# Announcing the TiVo Stream!



## tivosupport_jessica (Jun 15, 2012)

'TiVo is pleased to announce the launch of TiVo Stream! Now TiVo Premiere users can easily stream recorded shows to iPads, iPhones, and iPod Touch devices anywhere within the home network. Stream also allows users to download shows to their mobile devices wirelessly, so they can watch their shows from virtually anywhere - a faster, simpler, more convenient solution compared to previous TiVoToGo products.

For more information on this exciting new product, check out www.tivo.com/stream.

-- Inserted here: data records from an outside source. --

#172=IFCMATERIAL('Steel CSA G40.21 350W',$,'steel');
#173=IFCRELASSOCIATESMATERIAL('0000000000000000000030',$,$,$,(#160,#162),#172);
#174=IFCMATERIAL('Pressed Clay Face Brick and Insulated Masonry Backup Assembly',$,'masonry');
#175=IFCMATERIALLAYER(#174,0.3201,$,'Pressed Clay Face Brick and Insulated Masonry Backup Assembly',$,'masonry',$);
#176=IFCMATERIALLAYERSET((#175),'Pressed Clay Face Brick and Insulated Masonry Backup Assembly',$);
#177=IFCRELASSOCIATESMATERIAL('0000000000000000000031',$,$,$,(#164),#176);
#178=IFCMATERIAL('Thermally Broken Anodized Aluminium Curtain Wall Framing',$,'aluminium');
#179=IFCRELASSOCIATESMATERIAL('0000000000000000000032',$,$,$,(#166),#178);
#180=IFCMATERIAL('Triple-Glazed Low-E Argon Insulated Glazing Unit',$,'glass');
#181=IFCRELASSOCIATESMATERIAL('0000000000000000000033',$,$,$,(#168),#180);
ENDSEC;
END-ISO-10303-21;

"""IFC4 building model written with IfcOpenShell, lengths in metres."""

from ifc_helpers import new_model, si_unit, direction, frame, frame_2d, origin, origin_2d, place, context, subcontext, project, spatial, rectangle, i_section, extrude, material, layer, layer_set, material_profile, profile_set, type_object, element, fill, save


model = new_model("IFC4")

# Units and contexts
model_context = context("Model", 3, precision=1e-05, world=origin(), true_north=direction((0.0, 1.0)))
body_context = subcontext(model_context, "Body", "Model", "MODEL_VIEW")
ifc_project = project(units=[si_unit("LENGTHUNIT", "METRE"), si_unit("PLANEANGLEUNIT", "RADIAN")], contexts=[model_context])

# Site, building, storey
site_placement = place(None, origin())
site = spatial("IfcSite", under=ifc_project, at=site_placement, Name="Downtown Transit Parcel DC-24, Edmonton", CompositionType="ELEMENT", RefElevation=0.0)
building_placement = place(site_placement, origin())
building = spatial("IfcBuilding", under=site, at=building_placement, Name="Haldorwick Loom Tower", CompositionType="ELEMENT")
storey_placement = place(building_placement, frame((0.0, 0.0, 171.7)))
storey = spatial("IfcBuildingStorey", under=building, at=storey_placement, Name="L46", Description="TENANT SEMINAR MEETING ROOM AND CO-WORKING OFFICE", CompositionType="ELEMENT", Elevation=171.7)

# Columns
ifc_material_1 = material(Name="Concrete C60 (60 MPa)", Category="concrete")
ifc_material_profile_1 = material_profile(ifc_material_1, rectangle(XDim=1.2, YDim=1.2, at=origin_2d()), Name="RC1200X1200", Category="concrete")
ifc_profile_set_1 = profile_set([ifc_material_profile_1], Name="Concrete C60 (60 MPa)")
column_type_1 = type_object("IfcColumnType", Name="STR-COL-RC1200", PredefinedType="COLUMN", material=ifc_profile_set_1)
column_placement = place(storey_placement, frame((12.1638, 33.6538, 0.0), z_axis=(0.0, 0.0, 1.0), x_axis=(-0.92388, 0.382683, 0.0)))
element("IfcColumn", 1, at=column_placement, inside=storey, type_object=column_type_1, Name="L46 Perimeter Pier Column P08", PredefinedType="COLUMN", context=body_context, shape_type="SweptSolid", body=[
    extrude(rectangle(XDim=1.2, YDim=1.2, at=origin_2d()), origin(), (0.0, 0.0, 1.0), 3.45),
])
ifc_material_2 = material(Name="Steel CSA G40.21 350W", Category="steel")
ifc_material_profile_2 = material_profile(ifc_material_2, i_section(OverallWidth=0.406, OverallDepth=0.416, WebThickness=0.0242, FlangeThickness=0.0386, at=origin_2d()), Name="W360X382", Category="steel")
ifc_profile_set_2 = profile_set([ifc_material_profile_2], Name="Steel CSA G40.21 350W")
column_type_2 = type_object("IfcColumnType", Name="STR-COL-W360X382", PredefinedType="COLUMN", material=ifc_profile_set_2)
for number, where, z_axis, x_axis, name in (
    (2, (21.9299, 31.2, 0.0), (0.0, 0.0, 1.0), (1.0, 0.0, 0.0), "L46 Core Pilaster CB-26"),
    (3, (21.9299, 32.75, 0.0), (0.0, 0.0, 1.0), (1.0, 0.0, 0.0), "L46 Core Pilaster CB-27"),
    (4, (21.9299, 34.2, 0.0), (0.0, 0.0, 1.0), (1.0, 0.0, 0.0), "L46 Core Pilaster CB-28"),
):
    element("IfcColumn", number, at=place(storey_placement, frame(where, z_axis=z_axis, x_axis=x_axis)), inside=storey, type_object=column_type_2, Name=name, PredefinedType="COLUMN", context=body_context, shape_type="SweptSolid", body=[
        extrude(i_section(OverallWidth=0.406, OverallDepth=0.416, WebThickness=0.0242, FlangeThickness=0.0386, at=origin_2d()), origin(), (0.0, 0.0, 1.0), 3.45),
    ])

Edit: I repaired the link, I apologize for the inconvenience.


----------



## daveak (Mar 23, 2009)

Sweetness.

Though the link says page not found.


----------



## compnurd (Oct 6, 2011)

Sorry but i have to laugh at this post by Tivo.... As if the number of threads with people having the stream didnt tip anyone off we knew about it


----------



## Dan203 (Apr 17, 2000)

compnurd said:


> Sorry but i have to laugh at this post by Tivo.... As if the number of threads with people having the stream didnt tip anyone off we knew about it


Or this thread posted by TiVoStephen last week...

http://www.tivocommunity.com/tivo-vb/showthread.php?t=492494



Dan


----------



## aaronwt (Jan 31, 2002)

tivosupport_jessica said:


> 'TiVo is pleased to announce the launch of TiVo Stream! Now TiVo Premiere users can easily stream recorded shows to iPads, iPhones, and iPod Touch devices anywhere within the home network. Stream also allows users to download shows to their mobile devices wirelessly, so they can watch their shows from virtually anywhere - a faster, simpler, more convenient solution compared to previous TiVoToGo products.
> 
> For more information on this exciting new product, check out www.tivo.com/stream.
> 
> Edit: I repaired the link, I apologize for the inconvenience.


Any word on when Android support is coming? I want to pick up a stream but it will be useless to me until there is support for Android products.


----------



## Soapm (May 9, 2007)

So this only works with Premier? Not TivoHD?


----------



## compnurd (Oct 6, 2011)

Soapm said:


> So this only works with Premier? Not TivoHD?


Correct


----------



## wtherrell (Dec 23, 2004)

Can I stream from my Premiere to one of my other boxes? Or from Premiere to Stream box? I have 4 Tivos at various points in my house. Connected by Moca. 
Two series 2. 1 TivoHD. 1 Premiere Elite.
This needs to happen in addition to Android support. 
I would like to stream from my premiere to a stream box connected to a TV in my wife's sewing room.


----------



## vectorcatch (Nov 21, 2008)

wtherrell said:


> Can I stream from my Premiere to one of my other boxes? Or from Premiere to Stream box? I have 4 Tivos at various points in my house. Connected by Moca.
> Two series 2. 1 TivoHD. 1 Premiere Elite.
> This needs to happen in addition to Android support.
> I would like to stream from my premiere to a stream box connected to a TV in my wife's sewing room.


I'm not sure I understand the exact question, but the stream does not have a video output of any kind. It does not connect to a TV, it is a just a black box on the network.


----------



## Dan203 (Apr 17, 2000)

wtherrell said:


> Can I stream from my Premiere to one of my other boxes? Or from Premiere to Stream box? I have 4 Tivos at various points in my house. Connected by Moca.
> Two series 2. 1 TivoHD. 1 Premiere Elite.
> This needs to happen in addition to Android support.
> I would like to stream from my premiere to a stream box connected to a TV in my wife's sewing room.


Streaming only works with Premiere units. If all of your TiVos were Premiere units then you could stream between them without buying a Stream. The Stream is only necessary for streaming to an iPad. Premiere to Premiere streams work without any additional hardware.

TiVo is also planning on releasing a TiVo Mini, which is basically a diskless TiVo Premiere, that will stream from other Premieres in your house. If you don't need the actual tuners then these might be a good alternative to having an actual TiVo in each room. They will also have Moca built in so you wont need all those bridges.

Dan


----------